But just as soon as it’s begun, you notice something different. After the opening acclamation, the Celebrant chants, “There is one Body and one Spirit….” Ah-hah!, you think. A baptism today. I wondered why the pews seemed so full. Come to think of it, the church is really full – really, really full. Bursting at the seams, in fact. What a joyful occasion, you think, I love baptisms. They’re so beautiful, so tender, so sweet. And so you travel through the liturgy of the word, listening to the readings, reminding yourself – again – to let someone know that you’d like to become a lector, praying the psalm as the choir sings, rising for the Gospel, attentively following the sermon, getting lost in the middle, finding the preacher again when she gets near the end, and then – finally! – the altar party stands, the choir begins to sing Palestrina’s Sicut cervus (which you now know so well that you like to sing along quietly under your breath) and the baptism has begun.

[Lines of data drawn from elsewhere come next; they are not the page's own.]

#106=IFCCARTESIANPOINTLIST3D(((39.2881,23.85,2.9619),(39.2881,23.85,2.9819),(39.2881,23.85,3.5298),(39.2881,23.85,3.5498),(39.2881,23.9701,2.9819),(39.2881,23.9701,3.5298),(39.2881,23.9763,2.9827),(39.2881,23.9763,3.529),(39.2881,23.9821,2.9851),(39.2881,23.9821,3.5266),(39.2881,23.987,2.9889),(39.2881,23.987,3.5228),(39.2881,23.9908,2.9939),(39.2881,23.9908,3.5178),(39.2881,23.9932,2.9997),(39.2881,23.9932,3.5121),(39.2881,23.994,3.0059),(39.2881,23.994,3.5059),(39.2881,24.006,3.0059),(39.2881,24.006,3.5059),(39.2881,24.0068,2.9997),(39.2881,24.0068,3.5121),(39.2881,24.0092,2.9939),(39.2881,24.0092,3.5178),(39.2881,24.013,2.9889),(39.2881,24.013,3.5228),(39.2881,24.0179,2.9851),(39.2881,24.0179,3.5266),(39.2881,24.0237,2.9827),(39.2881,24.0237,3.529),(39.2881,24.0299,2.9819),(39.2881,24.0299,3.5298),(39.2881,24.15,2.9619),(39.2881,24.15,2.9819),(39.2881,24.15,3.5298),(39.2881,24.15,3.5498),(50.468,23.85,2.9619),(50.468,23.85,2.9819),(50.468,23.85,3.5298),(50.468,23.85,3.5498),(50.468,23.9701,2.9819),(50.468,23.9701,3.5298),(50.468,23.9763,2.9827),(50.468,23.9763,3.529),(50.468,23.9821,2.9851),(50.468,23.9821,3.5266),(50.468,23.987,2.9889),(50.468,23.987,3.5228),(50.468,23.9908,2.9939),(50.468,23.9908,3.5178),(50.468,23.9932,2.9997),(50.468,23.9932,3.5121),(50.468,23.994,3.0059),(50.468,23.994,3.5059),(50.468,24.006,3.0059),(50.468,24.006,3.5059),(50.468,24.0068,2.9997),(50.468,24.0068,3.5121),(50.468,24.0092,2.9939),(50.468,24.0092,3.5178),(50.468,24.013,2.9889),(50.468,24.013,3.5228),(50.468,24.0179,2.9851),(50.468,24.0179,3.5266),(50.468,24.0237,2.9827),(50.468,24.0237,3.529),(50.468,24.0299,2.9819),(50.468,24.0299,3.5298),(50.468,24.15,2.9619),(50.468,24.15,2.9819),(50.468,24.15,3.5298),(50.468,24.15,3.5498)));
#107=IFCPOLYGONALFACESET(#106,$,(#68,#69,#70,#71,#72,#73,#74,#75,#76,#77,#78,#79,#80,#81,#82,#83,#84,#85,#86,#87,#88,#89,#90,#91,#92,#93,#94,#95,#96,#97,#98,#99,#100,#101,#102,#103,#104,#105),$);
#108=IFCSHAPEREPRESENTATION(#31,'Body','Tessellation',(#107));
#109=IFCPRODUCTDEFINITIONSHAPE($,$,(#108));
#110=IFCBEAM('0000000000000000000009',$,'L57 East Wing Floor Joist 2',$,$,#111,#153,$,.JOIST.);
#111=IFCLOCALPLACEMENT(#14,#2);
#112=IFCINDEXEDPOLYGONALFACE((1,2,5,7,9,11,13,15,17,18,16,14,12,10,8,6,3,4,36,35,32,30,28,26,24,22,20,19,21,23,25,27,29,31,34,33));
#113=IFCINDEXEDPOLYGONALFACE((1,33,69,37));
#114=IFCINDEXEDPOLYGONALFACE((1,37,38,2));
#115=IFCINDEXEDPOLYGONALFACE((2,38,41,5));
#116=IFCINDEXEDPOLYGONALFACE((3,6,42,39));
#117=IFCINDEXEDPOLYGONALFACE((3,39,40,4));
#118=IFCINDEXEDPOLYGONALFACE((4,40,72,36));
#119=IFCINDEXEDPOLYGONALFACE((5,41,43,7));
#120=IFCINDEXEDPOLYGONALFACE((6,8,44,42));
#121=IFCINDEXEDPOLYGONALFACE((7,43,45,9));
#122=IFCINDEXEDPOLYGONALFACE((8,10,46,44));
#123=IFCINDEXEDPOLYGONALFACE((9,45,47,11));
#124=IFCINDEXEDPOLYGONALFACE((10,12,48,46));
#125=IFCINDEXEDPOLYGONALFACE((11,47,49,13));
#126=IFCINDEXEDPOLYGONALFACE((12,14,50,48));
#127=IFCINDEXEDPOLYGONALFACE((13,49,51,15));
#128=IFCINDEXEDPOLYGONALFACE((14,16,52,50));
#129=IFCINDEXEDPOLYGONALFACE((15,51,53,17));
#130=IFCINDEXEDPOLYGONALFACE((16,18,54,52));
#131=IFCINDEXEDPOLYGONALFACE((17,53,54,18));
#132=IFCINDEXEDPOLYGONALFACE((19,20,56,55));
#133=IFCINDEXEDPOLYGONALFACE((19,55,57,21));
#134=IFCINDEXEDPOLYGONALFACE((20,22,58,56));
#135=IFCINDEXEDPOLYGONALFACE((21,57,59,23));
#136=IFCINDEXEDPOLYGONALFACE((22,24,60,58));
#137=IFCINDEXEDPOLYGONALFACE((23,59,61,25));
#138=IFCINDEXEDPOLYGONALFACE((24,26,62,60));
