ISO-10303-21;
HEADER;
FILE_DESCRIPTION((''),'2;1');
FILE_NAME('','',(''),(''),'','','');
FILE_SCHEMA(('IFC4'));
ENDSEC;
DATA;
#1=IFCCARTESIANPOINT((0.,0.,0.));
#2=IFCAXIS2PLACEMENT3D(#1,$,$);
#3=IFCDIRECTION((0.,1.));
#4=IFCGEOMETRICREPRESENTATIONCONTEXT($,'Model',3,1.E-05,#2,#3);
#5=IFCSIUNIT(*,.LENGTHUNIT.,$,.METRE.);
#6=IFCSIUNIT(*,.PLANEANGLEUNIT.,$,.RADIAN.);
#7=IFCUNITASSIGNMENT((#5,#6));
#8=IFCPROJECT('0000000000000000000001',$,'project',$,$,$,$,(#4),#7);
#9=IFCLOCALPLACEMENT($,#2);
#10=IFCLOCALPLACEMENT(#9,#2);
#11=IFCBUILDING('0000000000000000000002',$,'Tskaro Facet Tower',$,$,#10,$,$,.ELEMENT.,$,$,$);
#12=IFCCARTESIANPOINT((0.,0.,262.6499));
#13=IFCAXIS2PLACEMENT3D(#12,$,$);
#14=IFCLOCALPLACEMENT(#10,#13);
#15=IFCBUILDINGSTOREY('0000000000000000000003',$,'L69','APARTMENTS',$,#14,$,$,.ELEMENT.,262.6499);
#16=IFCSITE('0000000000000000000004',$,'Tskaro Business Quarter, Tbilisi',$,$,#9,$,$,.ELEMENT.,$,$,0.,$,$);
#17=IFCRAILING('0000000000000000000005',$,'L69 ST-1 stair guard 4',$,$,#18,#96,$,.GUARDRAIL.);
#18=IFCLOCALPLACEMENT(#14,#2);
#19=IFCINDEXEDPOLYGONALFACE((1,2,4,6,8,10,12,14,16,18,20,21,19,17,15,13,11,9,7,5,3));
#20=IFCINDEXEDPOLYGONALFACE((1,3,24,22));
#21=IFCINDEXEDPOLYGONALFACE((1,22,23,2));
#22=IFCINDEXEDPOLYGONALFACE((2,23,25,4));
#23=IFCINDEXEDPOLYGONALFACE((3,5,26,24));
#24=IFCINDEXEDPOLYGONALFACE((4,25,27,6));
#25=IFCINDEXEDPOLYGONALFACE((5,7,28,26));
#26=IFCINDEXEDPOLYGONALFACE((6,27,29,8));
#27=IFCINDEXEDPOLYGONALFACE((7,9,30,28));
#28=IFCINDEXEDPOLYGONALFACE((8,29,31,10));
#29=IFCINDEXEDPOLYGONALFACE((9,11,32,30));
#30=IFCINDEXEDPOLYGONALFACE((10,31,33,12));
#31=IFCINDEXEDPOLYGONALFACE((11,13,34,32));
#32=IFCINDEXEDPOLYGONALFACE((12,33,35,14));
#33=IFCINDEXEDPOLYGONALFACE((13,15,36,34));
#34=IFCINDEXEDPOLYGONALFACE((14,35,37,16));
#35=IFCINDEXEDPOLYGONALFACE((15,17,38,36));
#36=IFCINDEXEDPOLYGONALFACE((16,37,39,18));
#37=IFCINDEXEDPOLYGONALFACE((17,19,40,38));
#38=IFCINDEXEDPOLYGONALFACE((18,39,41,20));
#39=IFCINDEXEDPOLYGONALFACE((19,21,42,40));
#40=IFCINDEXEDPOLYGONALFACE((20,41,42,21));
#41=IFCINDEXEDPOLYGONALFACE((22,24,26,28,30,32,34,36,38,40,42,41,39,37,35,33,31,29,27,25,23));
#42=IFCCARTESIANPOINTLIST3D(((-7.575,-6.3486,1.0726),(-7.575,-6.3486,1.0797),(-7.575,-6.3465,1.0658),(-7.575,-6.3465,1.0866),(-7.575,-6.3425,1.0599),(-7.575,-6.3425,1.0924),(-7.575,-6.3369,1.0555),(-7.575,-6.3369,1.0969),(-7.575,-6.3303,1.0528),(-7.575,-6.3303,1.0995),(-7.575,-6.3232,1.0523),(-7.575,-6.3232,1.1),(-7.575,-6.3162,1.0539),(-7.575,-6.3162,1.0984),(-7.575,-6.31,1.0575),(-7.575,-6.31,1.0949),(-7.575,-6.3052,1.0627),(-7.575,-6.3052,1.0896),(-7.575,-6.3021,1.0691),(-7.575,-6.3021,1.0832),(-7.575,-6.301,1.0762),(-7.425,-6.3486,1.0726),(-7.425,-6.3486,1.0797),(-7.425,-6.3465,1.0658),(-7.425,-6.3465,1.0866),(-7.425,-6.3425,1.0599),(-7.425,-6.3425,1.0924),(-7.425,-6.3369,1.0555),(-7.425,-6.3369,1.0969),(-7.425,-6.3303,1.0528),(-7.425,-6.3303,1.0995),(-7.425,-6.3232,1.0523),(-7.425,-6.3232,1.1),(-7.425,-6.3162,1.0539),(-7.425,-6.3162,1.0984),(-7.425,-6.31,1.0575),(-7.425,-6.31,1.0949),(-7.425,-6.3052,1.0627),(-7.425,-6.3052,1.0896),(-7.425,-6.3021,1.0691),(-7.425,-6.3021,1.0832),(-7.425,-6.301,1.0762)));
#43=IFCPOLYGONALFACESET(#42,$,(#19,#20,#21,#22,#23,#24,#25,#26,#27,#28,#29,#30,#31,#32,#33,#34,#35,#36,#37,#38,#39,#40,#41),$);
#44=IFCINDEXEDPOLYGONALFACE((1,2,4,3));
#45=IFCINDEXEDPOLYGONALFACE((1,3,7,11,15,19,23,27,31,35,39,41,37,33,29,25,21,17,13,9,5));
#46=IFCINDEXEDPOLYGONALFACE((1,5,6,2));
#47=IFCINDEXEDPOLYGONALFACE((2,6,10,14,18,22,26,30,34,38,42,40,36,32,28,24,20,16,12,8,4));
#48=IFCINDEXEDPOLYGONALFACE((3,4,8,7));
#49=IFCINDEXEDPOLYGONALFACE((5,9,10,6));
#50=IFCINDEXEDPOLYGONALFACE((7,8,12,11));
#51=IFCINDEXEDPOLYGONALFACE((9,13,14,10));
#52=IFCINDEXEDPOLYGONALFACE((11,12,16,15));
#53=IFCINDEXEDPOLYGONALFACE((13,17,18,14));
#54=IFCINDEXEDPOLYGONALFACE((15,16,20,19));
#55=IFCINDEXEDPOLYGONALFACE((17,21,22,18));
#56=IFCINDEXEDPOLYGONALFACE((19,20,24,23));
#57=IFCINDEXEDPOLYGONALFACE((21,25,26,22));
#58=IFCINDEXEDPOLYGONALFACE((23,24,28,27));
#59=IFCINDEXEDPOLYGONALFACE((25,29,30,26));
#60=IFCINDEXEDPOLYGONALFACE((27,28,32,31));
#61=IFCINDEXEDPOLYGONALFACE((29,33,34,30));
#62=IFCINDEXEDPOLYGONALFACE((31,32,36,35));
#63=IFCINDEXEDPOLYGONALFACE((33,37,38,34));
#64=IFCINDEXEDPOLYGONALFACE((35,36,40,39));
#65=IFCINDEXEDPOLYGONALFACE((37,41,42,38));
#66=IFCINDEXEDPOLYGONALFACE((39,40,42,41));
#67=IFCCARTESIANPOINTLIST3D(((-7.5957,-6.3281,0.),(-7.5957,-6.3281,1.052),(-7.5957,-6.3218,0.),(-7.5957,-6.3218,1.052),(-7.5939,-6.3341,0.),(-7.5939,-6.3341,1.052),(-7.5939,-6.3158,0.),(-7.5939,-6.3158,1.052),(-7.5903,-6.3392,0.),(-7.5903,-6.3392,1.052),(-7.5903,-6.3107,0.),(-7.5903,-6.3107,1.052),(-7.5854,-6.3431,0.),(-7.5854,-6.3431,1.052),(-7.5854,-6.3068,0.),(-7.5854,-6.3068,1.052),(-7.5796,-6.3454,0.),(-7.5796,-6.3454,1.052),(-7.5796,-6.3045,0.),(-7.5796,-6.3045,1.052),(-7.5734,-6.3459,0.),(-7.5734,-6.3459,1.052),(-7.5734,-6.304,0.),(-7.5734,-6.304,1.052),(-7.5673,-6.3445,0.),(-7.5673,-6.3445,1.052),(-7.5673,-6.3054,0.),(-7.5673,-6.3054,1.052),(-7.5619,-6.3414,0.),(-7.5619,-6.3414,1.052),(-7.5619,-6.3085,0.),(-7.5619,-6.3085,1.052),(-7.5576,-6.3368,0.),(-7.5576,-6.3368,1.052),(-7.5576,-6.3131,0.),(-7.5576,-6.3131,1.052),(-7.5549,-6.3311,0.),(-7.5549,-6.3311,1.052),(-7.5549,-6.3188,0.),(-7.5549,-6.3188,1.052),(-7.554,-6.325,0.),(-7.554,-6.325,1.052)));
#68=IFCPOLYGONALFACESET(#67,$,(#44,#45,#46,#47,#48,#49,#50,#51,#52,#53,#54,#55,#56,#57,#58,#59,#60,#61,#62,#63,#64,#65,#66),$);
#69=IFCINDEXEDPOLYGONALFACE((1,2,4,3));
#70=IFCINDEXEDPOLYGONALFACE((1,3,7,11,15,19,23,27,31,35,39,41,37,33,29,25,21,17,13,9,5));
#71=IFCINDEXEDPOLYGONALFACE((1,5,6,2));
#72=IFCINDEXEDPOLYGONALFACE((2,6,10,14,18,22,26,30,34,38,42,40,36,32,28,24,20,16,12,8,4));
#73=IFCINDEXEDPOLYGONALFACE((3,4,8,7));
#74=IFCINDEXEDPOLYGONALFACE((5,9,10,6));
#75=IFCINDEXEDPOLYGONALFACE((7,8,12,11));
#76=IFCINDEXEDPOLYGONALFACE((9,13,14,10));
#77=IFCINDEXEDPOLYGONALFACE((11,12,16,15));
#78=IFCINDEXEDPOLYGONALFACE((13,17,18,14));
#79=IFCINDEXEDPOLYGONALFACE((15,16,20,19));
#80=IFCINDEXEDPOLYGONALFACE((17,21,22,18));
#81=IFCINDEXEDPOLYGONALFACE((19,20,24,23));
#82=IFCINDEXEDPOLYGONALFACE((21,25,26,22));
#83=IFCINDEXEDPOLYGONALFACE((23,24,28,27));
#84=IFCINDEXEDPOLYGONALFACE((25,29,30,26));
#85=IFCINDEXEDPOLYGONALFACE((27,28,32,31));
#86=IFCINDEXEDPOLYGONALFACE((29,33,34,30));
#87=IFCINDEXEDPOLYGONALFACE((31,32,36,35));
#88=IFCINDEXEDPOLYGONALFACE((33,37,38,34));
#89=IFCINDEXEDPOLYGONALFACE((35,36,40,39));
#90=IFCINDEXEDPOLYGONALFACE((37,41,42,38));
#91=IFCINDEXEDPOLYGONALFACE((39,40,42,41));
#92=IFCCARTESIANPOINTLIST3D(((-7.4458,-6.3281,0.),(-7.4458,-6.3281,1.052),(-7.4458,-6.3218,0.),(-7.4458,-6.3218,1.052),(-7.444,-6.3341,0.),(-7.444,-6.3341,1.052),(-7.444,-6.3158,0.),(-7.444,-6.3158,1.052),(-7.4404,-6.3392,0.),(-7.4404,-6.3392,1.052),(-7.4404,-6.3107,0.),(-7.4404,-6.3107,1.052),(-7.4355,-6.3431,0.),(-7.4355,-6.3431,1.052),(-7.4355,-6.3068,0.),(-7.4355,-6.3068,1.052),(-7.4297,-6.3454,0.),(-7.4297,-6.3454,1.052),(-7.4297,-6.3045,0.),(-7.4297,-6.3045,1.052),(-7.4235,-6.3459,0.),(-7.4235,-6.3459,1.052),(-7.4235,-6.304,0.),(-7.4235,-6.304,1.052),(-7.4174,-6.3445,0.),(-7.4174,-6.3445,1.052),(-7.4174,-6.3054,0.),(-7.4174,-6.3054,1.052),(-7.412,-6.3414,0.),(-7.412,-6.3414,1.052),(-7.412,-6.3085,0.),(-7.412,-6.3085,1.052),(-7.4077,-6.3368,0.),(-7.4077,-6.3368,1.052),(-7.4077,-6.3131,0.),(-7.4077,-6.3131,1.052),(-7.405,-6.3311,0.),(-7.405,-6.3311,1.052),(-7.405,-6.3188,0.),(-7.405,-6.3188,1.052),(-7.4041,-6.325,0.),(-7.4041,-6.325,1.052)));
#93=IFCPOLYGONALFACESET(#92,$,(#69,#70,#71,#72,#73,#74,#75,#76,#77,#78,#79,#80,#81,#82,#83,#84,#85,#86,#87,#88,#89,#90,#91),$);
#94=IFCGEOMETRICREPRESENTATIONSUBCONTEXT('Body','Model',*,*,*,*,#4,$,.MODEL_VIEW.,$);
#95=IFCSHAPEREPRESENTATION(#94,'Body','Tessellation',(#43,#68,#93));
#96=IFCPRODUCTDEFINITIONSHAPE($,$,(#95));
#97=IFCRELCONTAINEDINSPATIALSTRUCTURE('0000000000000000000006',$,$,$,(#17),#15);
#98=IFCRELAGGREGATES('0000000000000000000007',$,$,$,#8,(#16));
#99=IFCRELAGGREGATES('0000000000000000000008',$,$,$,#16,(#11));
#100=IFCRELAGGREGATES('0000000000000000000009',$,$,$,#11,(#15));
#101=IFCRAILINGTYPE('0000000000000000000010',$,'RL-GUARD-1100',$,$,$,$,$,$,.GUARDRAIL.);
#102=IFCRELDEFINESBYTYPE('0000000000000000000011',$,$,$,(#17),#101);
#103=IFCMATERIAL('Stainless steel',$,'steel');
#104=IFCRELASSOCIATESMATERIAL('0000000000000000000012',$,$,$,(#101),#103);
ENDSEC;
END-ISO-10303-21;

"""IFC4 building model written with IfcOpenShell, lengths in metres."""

from ifc_helpers import new_model, si_unit, direction, frame, origin, origin_2d, place, context, subcontext, project, spatial, circle, extrude, material, type_object, element, save


model = new_model("IFC4")

# Units and contexts
model_context = context("Model", 3, precision=1e-05, world=origin(), true_north=direction((0.0, 1.0)))
body_context = subcontext(model_context, "Body", "Model", "MODEL_VIEW")
ifc_project = project(units=[si_unit("LENGTHUNIT", "METRE"), si_unit("PLANEANGLEUNIT", "RADIAN")], contexts=[model_context])

# Site, building, storey
site_placement = place(None, origin())
site = spatial("IfcSite", under=ifc_project, at=site_placement, Name="Tskaro Business Quarter, Tbilisi", CompositionType="ELEMENT", RefElevation=0.0)
building_placement = place(site_placement, origin())
building = spatial("IfcBuilding", under=site, at=building_placement, Name="Tskaro Facet Tower", CompositionType="ELEMENT")
storey_placement = place(building_placement, frame((0.0, 0.0, 262.6499)))
storey = spatial("IfcBuildingStorey", under=building, at=storey_placement, Name="L69", Description="APARTMENTS", CompositionType="ELEMENT", Elevation=262.6499)

# Shared definitions
ifc_material_1 = material(Name="Stainless steel", Category="steel")

# Railing
railing_type_1 = type_object("IfcRailingType", Name="RL-GUARD-1100", PredefinedType="GUARDRAIL", material=ifc_material_1)
railing_1_placement = place(storey_placement, frame((-7.575, -6.325, 0.0)))
element("IfcRailing", 1, at=railing_1_placement, inside=storey, type_object=railing_type_1, Name="L69 ST-1 stair guard 4", PredefinedType="GUARDRAIL", context=body_context, shape_type="SweptSolid", body=[
    extrude(circle(Radius=0.0239, at=origin_2d()), frame((0.0, 0.0, 1.0762), z_axis=(1.0, 0.0, 0.0), x_axis=(0.0, 1.0, 0.0)), (0.0, 0.0, 1.0), 0.1499),
    extrude(circle(Radius=0.021, at=origin_2d()), origin(), (0.0, 0.0, 1.0), 1.052),
    extrude(circle(Radius=0.021, at=origin_2d()), frame((0.1499, 0.0, 0.0)), (0.0, 0.0, 1.0), 1.052),
])

save(model, "model.ifc")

When the baptizands and their families gather with the priests at the back of the church, it looks like half the congregation is trying to squeeze back there. The crowds turn into more of a mob as they try to find their spots, and you find yourself worrying about the safety of Father Mullen – but he eventually emerges from the fray and all is right with the world again. When all has settled down and the candidates begin to be presented by name, you realize why there is such a crowd – there are twelve people to be baptized today. Twelve! Amazing! What are they doing in that confirmation class these days? After all the names are read and the promises are made, the candidates make their renunciations and affirmations, prayers are sung, the water is blessed, and the baptisms finally begin.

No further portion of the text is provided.